The leak mechanism turned out to be related to a routine service procedure. To establish a secure session, the sender requests cryptographic material from WhatsApp servers, which is generated on each recipient device. This is necessary to maintain end-to-end encryption, but it was at this stage that implementation differences emerged across platforms. Some key identifiers were generated differently, and these differences could be used to determine whether Android or iOS was being used. No action was required on the part of the device owner—the request was executed silently and without any notification. The study's
authors note that the findings regarding this platform detection were also described in a separate 2025 paper. The researchers confirm these findings with their own observations using an internal tool that has not yet been published. Using this tool, they noticed a recent change in the logic of the Android version of WhatsApp. This relates to the Signed PK ID parameter: previously, it started at zero and incremented extremely slowly—roughly once a month. Now, this value is randomly selected. The researchers view this step positively, as Meta had not previously considered this a privacy issue requiring a fix. However, the vulnerability is not fully fixed. It remains possible to distinguish Android from iPhone using another parameter—the One-Time PK ID. On iOS, it starts with a low value and gradually increases over several days, while Android uses random values across the entire 24-bit range. The researchers updated their tool to account for the new behavior and still differentiate between platforms. The patch implementation process itself raised specific questions.

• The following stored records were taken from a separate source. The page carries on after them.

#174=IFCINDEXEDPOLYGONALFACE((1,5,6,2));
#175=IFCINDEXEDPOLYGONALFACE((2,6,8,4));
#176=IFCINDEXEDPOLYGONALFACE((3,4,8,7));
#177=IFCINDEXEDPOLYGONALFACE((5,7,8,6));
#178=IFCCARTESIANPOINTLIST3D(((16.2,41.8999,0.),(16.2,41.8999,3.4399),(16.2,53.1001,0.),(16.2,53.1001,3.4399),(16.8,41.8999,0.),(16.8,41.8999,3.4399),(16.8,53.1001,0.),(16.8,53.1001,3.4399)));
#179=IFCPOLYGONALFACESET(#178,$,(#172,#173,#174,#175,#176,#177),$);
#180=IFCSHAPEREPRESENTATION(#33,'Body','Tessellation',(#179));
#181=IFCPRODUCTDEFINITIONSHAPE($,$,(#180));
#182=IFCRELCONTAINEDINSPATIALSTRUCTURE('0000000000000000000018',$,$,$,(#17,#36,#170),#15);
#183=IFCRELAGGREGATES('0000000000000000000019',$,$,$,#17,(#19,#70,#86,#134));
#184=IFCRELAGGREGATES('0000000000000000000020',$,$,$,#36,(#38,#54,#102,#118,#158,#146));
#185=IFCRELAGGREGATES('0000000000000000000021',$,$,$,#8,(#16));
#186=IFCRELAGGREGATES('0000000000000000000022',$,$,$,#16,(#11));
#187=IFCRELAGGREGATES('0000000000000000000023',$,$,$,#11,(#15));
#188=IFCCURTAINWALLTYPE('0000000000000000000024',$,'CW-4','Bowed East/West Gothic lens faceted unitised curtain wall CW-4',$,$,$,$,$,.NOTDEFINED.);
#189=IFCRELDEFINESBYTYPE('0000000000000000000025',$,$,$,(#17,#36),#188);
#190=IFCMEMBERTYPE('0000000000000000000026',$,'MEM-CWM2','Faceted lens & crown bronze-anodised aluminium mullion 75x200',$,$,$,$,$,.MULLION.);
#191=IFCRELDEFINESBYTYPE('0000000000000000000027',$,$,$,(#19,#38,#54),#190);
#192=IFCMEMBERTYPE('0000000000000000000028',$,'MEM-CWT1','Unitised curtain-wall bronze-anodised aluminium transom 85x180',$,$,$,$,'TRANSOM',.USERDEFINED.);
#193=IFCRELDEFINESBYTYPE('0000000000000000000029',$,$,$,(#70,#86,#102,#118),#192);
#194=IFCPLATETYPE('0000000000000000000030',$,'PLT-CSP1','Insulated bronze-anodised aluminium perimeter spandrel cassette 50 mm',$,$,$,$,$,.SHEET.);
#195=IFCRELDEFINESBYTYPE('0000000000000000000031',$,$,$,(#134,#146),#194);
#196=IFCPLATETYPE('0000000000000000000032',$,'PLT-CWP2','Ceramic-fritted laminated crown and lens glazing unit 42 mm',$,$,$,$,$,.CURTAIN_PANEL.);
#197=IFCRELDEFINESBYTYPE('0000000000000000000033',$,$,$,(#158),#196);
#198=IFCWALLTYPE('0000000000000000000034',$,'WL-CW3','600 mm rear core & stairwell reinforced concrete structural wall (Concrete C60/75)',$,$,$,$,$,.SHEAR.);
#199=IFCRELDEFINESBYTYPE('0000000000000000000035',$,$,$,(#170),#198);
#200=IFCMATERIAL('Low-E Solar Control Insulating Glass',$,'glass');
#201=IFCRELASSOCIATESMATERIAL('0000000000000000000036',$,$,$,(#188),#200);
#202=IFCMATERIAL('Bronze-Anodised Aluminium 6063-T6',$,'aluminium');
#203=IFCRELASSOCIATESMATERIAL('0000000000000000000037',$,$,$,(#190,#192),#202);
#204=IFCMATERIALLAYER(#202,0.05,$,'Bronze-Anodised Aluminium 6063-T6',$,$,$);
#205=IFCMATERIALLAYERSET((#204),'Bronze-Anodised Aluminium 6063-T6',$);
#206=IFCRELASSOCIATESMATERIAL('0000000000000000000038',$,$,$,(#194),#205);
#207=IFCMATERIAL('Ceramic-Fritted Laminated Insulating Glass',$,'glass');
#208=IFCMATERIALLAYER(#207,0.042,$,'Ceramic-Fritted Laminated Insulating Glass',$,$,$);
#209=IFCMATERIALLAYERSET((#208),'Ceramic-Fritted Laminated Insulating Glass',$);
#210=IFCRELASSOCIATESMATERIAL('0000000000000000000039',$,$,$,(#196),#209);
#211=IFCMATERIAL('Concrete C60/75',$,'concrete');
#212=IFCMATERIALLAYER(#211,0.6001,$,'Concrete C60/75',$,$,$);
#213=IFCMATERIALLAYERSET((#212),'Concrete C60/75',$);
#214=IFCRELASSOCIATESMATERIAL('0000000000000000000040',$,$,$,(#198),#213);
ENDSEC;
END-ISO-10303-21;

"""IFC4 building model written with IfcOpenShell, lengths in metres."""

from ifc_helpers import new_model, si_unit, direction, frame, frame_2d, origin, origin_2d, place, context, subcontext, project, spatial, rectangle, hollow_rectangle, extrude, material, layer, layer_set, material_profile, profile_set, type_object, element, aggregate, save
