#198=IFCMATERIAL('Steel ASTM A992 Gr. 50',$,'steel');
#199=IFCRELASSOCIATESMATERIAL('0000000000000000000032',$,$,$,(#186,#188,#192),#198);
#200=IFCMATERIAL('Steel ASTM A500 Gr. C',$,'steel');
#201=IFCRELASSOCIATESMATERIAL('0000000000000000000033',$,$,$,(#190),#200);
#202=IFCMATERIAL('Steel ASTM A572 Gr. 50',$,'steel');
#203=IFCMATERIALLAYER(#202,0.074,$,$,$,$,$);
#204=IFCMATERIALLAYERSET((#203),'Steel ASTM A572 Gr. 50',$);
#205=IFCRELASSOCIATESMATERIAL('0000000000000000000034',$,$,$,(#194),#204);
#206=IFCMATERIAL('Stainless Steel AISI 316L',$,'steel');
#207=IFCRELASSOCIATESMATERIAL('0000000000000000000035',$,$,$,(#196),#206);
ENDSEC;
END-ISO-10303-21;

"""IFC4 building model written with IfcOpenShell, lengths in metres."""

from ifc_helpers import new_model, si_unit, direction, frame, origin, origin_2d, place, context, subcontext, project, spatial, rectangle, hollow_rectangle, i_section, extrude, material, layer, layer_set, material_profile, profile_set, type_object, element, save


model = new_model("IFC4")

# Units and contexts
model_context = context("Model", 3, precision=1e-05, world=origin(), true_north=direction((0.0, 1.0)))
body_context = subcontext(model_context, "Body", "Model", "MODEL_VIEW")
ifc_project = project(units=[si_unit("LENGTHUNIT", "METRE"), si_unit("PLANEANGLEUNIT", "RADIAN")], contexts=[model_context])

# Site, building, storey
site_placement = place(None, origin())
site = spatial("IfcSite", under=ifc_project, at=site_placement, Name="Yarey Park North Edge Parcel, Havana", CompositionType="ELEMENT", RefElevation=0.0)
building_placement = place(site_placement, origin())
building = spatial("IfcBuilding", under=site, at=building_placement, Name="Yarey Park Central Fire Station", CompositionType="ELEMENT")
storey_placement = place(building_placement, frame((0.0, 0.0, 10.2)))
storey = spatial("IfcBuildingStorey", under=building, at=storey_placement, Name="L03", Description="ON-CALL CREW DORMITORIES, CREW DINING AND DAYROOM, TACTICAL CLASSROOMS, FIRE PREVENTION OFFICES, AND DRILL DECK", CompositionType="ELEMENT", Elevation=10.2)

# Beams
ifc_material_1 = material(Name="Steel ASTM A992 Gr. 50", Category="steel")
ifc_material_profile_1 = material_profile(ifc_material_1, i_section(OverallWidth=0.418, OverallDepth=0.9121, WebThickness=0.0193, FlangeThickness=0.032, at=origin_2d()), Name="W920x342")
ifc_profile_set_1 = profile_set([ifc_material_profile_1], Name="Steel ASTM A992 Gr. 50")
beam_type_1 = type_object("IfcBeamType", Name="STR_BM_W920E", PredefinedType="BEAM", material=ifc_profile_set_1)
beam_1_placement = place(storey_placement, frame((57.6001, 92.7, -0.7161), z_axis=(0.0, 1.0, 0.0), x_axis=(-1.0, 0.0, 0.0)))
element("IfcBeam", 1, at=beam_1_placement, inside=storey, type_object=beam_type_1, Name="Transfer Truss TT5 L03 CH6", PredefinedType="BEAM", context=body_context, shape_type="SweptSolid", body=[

According to the authors, WhatsApp made the changes without public notice, failed to contact the researchers who first reported the issue, failed to pay a bounty, and failed to assign a CVE identifier to the vulnerability. They compare this situation to another case previously reported to the messenger: a fix was released, a small bounty was paid, but the CVE assignment was denied, citing insufficient severity. The authors believe this approach is flawed. In their opinion, CVEs shouldn't be perceived as a stigma or an admission of failure—they're a tool for recording and discussing security and privacy issues. Differences in risk levels are more logically reflected through CVSS scores, rather than by the absence of an identifier altogether. Ultimately, WhatsApp has indeed begun to reduce the amount of information that could be used for covert reconnaissance. The research community's efforts have not been in vain. However, the way the changes are being implemented and the ability to differentiate between platforms demonstrate that the problem is being addressed gradually and without much transparency. This story clearly demonstrates that even with reliable
Encryption implementation details and metadata can play a key role in preparing attacks.